The terminology used herein is for the purpose of describing particular embodiments only and is not intended to be limiting of the invention. As used herein, the singular forms “a”, “an” and “the” are intended to include the plural forms as well, unless the context clearly indicates otherwise. As used herein, the term “or” is an inclusive operator and can mean “and/or”, unless the context explicitly or clearly indicates otherwise. It will be further understood that the terms “comprise”, “comprises”, “comprising”, “include”, “includes”, “including”, and/or “having.” when used herein, can specify the presence of stated features, integers, steps, operations, elements, and/or components, but do not preclude the presence or addition of one or more other features, integers, steps, operations, elements, components, and/or groups thereof. As used herein, the phrase “in an embodiment” does not necessarily refer to the same embodiment, although it may. As used herein, the phrase “in one embodiment” does not necessarily refer to the same embodiment, although it may. As used herein, the phrase “in another embodiment” does not necessarily refer to a different embodiment, although it may. Further, embodiments and/or components of embodiments can be freely combined with each other unless they are mutually exclusive.
As used herein, a “module” or “unit” may include hardware (e.g., circuitry, such as an application specific integrated circuit), firmware and/or software executable by hardware (e.g., by a processor or microcontroller), and/or a combination thereof for carrying out the various operations disclosed herein.

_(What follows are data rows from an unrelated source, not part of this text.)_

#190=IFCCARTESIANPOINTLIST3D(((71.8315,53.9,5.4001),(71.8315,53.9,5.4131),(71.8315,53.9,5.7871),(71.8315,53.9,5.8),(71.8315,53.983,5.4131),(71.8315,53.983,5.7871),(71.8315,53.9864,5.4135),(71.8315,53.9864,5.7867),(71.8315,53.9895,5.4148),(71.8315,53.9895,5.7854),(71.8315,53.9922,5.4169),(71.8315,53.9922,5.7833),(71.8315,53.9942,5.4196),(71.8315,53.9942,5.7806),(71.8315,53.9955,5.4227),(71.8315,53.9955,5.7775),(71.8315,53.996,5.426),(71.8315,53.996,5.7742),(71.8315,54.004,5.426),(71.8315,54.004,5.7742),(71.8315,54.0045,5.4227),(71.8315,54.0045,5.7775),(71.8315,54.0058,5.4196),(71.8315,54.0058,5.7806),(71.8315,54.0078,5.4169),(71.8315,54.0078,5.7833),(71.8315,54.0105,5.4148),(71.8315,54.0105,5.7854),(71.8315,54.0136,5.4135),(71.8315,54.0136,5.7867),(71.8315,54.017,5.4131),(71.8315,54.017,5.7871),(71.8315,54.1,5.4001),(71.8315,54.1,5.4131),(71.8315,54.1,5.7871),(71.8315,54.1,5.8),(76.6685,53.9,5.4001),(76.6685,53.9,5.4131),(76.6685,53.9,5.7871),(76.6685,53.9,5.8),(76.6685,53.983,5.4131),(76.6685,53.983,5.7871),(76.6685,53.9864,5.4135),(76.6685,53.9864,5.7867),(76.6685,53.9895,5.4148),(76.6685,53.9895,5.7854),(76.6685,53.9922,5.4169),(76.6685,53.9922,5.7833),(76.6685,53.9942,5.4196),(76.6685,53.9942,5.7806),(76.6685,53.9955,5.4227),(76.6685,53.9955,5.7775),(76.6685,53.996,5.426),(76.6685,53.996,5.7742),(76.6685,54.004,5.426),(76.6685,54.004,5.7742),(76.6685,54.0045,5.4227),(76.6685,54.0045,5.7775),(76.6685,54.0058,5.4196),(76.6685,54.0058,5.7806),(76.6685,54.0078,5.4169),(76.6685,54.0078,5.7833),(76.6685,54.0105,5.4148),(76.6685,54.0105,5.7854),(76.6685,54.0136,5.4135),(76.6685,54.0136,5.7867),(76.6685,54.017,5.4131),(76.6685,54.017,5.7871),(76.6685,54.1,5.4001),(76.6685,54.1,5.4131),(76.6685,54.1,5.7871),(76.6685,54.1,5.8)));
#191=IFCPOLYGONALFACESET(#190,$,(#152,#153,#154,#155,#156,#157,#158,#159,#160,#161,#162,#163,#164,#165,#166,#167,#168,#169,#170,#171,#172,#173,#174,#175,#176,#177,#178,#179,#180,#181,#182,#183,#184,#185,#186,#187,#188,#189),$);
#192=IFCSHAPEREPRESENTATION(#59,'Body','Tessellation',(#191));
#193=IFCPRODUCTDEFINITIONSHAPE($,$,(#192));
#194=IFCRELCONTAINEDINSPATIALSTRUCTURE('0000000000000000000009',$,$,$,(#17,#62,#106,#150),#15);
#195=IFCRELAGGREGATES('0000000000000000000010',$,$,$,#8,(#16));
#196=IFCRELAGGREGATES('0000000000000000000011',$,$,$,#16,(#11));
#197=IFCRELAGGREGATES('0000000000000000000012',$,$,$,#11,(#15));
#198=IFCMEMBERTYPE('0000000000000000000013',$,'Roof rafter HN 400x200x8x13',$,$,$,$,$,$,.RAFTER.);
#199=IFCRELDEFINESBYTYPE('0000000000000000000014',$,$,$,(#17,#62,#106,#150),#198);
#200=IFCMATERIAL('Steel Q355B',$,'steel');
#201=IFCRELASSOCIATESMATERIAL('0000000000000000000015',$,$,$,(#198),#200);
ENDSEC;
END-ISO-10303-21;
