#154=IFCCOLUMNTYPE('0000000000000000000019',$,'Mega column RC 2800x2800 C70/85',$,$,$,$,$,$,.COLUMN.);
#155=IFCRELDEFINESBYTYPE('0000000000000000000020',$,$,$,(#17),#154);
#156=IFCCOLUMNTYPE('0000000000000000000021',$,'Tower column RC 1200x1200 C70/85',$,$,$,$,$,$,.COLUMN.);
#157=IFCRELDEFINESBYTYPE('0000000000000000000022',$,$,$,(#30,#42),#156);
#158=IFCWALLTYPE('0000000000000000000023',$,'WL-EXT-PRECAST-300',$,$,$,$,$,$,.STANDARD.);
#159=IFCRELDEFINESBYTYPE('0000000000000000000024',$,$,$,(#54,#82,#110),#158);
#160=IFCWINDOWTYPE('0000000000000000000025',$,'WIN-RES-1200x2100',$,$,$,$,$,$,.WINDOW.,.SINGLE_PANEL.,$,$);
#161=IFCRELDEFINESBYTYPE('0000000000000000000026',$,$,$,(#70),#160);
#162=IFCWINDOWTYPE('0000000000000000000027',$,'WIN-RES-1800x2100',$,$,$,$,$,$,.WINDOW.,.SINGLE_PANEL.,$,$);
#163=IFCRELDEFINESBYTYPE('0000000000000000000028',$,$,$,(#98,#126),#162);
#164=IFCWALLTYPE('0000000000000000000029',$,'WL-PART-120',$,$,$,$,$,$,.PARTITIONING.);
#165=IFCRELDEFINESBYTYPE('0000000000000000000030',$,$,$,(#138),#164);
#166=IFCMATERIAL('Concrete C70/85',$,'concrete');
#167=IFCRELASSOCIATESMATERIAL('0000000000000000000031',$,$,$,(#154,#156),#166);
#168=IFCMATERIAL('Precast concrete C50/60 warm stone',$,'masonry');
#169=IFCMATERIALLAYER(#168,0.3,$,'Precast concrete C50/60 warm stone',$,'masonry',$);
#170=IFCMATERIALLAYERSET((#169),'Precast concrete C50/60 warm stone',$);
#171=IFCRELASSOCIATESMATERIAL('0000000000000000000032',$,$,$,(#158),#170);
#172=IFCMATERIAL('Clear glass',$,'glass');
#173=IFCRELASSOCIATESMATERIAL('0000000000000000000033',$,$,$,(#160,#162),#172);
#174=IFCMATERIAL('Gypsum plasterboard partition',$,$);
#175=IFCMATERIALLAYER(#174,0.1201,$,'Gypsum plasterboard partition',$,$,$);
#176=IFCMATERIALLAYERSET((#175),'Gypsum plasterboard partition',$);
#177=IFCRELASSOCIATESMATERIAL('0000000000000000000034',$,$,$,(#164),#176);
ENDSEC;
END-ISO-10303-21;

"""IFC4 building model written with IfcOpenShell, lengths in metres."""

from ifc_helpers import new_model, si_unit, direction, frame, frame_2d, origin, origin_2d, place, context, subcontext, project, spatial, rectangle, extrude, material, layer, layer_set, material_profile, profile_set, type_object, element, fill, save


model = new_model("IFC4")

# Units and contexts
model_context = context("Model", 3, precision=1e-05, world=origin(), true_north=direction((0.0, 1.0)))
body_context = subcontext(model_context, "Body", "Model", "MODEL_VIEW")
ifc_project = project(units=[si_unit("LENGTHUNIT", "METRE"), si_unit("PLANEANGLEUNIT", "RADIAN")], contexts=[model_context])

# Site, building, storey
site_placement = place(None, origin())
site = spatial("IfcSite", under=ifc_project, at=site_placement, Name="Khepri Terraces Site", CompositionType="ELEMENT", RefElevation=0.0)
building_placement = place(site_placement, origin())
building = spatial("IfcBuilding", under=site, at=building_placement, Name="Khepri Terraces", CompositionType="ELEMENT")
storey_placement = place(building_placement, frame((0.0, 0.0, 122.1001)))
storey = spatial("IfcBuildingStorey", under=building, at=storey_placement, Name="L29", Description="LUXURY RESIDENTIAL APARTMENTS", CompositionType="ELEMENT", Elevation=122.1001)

For example, a processor or hardware may include one or more integrated circuits configured to perform function mapping or polynomial fits based on reading currents outputted from one or more of the output lines of the crossbar array at different time points, and/or apply the function to subsequent outputs to correct or compensate for temporal conductance variations in the crossbar array. The same or another processor may include circuits configured to input activation vectors encoded as electric pulse durations and/or voltage signals across the input lines for the crossbar array to perform its operations.
The corresponding structures, materials, acts, and equivalents of all means or step plus function elements, if any, in the claims below are intended to include any structure, material, or act for performing the function in combination with other claimed elements as specifically claimed. The description of the present invention has been presented for purposes of illustration and description, but is not intended to be exhaustive or limited to the invention in the form disclosed. Many modifications and variations will be apparent to those of ordinary skill in the art without departing from the scope and spirit of the invention. The embodiment was chosen and described in order to best explain the principles of the invention and the practical application, and to enable others of ordinary skill in the art to understand the invention for various embodiments with various modifications as are suited to the particular use contemplated.